To the west of the present Abbey Church is the nave of the church of David’s abbey. Though much altered externally, this building is one of the finest examples of Norman architecture in Scotland. Its dramatic interior has massive cylindrical columns comparable with those of Durham Cathedral.
After the Reformation, it was adapted to form the parish church of the burgh, and continued as such until the present church was built in 1818-21 as the former nave was too small to accommodate the population of a growing town. .
The new church was designed by James Gillespie Graham, the leading Scottish church architect of the period. It is on the site of the choir of the 12th-century church, abutting the nave, whose southern door gives access to the rear of the new building. The building has windows in the English Perpendicular style characteristic of Graham’s work; internally the unusually tall space has plaster vaults supported on tall columns, with galleries on three sides. To the south of the church are the ruins of the abbey domestic buildings, and further west is the former guest-house, converted into a palace for Anne of Denmark, wife of James VI. Like the nave, these buildings are now in the care of Historic Environment Scotland, and are open to the public.

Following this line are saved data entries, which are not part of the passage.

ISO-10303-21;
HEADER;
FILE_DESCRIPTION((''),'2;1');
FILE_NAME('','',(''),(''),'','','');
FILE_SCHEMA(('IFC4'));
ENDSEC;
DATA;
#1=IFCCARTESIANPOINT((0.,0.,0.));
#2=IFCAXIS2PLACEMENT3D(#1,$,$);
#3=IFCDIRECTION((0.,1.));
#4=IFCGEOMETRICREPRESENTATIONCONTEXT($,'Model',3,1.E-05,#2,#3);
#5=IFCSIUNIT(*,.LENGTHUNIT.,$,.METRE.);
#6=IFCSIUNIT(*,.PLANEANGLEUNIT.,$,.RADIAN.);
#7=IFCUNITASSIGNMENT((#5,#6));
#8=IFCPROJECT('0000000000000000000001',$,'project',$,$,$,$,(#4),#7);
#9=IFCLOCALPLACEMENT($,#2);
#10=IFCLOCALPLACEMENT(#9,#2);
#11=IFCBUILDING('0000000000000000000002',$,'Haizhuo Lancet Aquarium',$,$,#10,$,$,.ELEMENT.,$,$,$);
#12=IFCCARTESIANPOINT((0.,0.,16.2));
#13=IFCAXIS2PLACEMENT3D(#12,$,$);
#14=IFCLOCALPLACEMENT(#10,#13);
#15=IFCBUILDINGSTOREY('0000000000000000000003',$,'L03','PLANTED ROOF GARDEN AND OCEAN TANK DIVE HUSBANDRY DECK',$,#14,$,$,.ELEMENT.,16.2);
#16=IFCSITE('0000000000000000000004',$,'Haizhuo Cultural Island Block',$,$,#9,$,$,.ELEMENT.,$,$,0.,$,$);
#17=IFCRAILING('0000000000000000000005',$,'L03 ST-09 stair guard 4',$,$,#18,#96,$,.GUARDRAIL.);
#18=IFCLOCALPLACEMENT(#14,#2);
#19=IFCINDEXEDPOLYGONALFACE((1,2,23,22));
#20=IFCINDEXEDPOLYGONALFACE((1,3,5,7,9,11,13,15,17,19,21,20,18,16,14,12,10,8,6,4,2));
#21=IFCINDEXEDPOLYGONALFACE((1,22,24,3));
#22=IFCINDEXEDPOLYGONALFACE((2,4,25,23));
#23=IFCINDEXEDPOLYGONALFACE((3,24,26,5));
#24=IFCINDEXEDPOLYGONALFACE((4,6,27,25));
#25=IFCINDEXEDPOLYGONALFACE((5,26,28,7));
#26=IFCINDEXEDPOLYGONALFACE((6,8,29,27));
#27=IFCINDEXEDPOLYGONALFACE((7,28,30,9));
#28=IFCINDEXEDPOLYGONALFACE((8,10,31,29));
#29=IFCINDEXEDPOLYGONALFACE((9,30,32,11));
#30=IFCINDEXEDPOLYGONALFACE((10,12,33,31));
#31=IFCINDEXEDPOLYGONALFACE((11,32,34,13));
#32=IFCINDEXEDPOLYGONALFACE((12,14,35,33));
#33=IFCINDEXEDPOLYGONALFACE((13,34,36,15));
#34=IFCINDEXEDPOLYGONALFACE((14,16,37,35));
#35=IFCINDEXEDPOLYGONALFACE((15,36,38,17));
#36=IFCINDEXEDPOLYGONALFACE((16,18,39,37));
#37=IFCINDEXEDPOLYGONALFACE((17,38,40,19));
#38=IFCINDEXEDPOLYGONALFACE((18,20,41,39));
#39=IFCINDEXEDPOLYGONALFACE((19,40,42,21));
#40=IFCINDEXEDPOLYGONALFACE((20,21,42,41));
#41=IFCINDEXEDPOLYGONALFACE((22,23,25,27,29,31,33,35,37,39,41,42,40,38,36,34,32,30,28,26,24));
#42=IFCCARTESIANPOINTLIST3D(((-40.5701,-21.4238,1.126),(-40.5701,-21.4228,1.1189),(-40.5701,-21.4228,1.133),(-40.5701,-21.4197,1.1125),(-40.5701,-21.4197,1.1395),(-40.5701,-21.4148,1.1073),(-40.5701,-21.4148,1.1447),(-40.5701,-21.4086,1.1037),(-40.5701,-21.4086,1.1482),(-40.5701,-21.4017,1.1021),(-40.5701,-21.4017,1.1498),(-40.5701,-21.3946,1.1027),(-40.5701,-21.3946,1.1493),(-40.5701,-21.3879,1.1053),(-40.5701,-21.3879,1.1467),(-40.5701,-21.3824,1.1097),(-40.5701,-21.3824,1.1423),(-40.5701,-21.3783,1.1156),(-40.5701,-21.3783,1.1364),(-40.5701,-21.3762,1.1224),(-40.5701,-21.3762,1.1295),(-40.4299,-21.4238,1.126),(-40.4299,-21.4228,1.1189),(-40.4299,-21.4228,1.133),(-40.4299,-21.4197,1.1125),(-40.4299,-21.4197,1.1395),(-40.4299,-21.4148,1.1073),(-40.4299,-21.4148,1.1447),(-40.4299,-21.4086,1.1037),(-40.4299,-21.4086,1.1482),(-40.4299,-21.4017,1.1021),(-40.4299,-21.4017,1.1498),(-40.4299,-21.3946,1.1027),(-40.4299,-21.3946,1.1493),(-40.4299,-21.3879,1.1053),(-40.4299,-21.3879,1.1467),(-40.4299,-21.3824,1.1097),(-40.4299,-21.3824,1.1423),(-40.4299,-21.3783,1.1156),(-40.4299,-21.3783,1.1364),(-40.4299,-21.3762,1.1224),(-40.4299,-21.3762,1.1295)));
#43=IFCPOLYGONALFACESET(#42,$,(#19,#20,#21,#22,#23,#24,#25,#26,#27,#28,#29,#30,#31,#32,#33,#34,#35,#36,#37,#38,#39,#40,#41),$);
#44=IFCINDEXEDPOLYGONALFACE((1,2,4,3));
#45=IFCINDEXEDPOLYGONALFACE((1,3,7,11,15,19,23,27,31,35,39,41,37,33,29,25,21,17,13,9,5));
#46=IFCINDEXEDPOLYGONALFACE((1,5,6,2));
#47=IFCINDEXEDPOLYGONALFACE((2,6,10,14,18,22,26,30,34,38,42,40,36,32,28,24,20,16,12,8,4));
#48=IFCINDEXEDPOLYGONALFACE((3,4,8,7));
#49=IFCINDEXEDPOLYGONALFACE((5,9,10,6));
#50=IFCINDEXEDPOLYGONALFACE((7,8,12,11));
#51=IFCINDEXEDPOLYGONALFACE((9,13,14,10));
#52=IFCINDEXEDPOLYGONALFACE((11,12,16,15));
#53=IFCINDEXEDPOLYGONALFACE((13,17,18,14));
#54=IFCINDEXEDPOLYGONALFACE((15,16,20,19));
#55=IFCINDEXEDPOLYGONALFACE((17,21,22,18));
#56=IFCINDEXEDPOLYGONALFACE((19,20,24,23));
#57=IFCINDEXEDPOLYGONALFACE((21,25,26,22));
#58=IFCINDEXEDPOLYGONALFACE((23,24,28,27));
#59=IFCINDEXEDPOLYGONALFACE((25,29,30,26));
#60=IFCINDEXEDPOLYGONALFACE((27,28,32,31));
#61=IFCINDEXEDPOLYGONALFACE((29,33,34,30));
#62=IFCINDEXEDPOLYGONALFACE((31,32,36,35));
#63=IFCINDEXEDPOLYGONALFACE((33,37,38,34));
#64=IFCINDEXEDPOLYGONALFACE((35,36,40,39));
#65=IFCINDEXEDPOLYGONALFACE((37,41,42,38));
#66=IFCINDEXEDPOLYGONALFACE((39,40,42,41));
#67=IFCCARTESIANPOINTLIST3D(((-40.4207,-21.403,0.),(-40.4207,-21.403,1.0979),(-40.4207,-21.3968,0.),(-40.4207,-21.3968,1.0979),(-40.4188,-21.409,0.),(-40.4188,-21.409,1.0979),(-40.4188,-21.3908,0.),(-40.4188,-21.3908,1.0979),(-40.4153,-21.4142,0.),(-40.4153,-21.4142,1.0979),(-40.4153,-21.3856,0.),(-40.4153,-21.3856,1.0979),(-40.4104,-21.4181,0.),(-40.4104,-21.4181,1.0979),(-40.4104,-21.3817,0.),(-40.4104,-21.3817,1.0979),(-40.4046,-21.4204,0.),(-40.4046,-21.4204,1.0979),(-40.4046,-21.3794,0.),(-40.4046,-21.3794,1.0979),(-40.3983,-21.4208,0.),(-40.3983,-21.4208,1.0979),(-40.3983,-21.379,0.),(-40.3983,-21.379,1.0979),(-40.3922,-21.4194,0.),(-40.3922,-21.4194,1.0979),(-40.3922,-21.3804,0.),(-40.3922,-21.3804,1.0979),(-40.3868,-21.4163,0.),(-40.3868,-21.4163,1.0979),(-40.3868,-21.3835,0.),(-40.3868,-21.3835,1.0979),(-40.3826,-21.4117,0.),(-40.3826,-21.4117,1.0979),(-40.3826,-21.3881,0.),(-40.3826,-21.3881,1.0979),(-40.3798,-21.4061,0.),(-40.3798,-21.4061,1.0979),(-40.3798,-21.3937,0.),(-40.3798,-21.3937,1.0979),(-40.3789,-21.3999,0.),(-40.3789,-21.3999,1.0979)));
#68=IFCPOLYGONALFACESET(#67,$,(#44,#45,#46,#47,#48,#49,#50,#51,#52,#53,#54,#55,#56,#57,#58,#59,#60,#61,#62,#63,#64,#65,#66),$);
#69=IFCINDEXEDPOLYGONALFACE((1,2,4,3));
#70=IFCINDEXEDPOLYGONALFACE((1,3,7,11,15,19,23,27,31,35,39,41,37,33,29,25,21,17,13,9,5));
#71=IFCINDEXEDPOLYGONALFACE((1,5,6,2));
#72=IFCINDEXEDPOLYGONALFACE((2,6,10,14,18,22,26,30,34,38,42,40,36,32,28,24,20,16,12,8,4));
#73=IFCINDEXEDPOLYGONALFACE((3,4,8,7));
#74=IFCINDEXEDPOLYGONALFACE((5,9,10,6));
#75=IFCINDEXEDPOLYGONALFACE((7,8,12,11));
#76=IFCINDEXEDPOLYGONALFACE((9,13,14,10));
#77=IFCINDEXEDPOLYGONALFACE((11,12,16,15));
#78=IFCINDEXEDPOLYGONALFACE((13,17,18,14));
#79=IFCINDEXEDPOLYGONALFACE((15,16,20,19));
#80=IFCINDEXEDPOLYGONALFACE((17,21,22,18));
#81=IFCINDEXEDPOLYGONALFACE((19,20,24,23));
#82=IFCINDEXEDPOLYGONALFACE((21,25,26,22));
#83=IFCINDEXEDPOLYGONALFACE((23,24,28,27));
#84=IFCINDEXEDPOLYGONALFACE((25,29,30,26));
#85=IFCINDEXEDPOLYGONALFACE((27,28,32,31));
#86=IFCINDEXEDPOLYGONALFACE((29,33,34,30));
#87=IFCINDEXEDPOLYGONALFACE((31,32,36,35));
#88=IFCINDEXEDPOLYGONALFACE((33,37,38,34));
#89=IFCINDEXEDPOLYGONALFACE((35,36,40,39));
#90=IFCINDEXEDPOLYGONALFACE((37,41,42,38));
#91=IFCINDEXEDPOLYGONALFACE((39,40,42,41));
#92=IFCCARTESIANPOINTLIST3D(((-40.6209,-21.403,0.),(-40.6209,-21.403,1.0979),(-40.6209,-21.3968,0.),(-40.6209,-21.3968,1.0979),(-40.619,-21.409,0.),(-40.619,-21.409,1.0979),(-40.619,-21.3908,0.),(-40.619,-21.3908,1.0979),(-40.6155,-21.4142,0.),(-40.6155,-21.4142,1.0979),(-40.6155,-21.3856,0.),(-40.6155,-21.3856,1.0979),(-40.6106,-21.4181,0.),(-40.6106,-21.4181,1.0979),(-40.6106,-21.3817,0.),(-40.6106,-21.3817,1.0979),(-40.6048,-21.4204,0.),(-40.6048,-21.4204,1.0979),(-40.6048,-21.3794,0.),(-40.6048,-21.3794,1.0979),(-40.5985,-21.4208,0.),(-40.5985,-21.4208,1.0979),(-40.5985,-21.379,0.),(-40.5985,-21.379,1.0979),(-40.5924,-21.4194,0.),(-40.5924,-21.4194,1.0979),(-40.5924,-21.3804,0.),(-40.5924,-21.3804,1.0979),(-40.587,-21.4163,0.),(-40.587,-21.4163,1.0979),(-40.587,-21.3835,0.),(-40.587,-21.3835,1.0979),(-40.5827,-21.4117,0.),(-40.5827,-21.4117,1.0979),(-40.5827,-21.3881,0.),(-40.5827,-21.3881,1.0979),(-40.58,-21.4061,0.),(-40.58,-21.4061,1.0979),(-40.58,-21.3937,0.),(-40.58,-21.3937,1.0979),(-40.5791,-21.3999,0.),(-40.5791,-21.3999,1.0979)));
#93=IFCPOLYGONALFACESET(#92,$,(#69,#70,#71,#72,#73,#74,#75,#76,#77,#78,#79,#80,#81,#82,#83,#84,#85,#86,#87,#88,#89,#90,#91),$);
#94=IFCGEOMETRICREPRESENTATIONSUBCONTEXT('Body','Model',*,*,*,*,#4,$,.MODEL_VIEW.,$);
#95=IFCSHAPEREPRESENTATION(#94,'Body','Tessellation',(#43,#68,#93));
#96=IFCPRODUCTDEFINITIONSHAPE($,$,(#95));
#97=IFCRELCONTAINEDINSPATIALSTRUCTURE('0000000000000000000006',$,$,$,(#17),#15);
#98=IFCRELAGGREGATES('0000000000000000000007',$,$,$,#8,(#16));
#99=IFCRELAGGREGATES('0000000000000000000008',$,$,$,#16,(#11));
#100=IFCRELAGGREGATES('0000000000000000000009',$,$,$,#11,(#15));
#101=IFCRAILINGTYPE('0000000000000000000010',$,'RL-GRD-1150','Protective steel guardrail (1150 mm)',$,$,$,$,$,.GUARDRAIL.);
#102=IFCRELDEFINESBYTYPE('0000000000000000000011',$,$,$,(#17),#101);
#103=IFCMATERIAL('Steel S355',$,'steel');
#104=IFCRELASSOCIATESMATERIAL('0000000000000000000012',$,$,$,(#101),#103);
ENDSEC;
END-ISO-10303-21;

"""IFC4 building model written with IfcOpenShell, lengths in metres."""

from ifc_helpers import new_model, si_unit, direction, frame, origin, origin_2d, place, context, subcontext, project, spatial, circle, extrude, material, type_object, element, save


model = new_model("IFC4")

# Units and contexts
model_context = context("Model", 3, precision=1e-05, world=origin(), true_north=direction((0.0, 1.0)))
body_context = subcontext(model_context, "Body", "Model", "MODEL_VIEW")
ifc_project = project(units=[si_unit("LENGTHUNIT", "METRE"), si_unit("PLANEANGLEUNIT", "RADIAN")], contexts=[model_context])

# Site, building, storey
site_placement = place(None, origin())
site = spatial("IfcSite", under=ifc_project, at=site_placement, Name="Haizhuo Cultural Island Block", CompositionType="ELEMENT", RefElevation=0.0)
building_placement = place(site_placement, origin())
building = spatial("IfcBuilding", under=site, at=building_placement, Name="Haizhuo Lancet Aquarium", CompositionType="ELEMENT")
storey_placement = place(building_placement, frame((0.0, 0.0, 16.2)))
storey = spatial("IfcBuildingStorey", under=building, at=storey_placement, Name="L03", Description="PLANTED ROOF GARDEN AND OCEAN TANK DIVE HUSBANDRY DECK", CompositionType="ELEMENT", Elevation=16.2)

# Shared definitions
ifc_material_1 = material(Name="Steel S355", Category="steel")

# Railing
railing_type_1 = type_object("IfcRailingType", Name="RL-GRD-1150", Description="Protective steel guardrail (1150 mm)", PredefinedType="GUARDRAIL", material=ifc_material_1)
railing_1_placement = place(storey_placement, frame((-40.3999, -21.3999, 0.0)))
element("IfcRailing", 1, at=railing_1_placement, inside=storey, type_object=railing_type_1, Name="L03 ST-09 stair guard 4", PredefinedType="GUARDRAIL", context=body_context, shape_type="SweptSolid", body=[
    extrude(circle(Radius=0.0239, at=origin_2d()), frame((-0.03, 0.0, 1.126), z_axis=(-1.0, 0.0, 0.0), x_axis=(0.0, -1.0, 0.0)), (0.0, 0.0, 1.0), 0.1401),
    extrude(circle(Radius=0.021, at=origin_2d()), origin(), (0.0, 0.0, 1.0), 1.0979),
    extrude(circle(Radius=0.021, at=origin_2d()), frame((-0.2002, 0.0, 0.0)), (0.0, 0.0, 1.0), 1.0979),
])

save(model, "model.ifc")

To the west of the abbey buildings, across the Tower Burn, is Pittencrieff Park with the remains of a tower supposed to have been built by Malcolm Canmore in the 11th century. I now quote a passage from The Imperial Gazetteer of Scotland, Volume 1, edited by the Rev John Marius Wilson, and published in the 1850s:
At the request of his queen [Margaret], Malcolm [Canmore] founded and endowed, in the vicinity of his own residence a monastery for 13 Culdees, which, with its chapel, was dedicated to the Holy Trinity. The date of Malcolm’s foundation must have been between 1070, when he was married, and 1086, when he and his queen made extensive grants to the church of the Holy Trinity. Malcolm’s sons Ethelred and Edgar also bestowed lands upon this church, and Alexander I [King of Scots] granted various lands to it, and is said to have finished the church; and his queen Sibilla [or Sybilla, sister of Henry I of England], also conferred lands upon it. …David I, who ascended to the throne in 1124, in accordance with his policy in other parts of the kingdom, not only added greatly to the wealth of the monastery, but introduced into it a colony of the Benedictines or Black Monks, from Canterbury in England; and for the purpose of making the change of rules under which they were brought more agreeable to the Culdees, he raised it to the dignity of an abbey’.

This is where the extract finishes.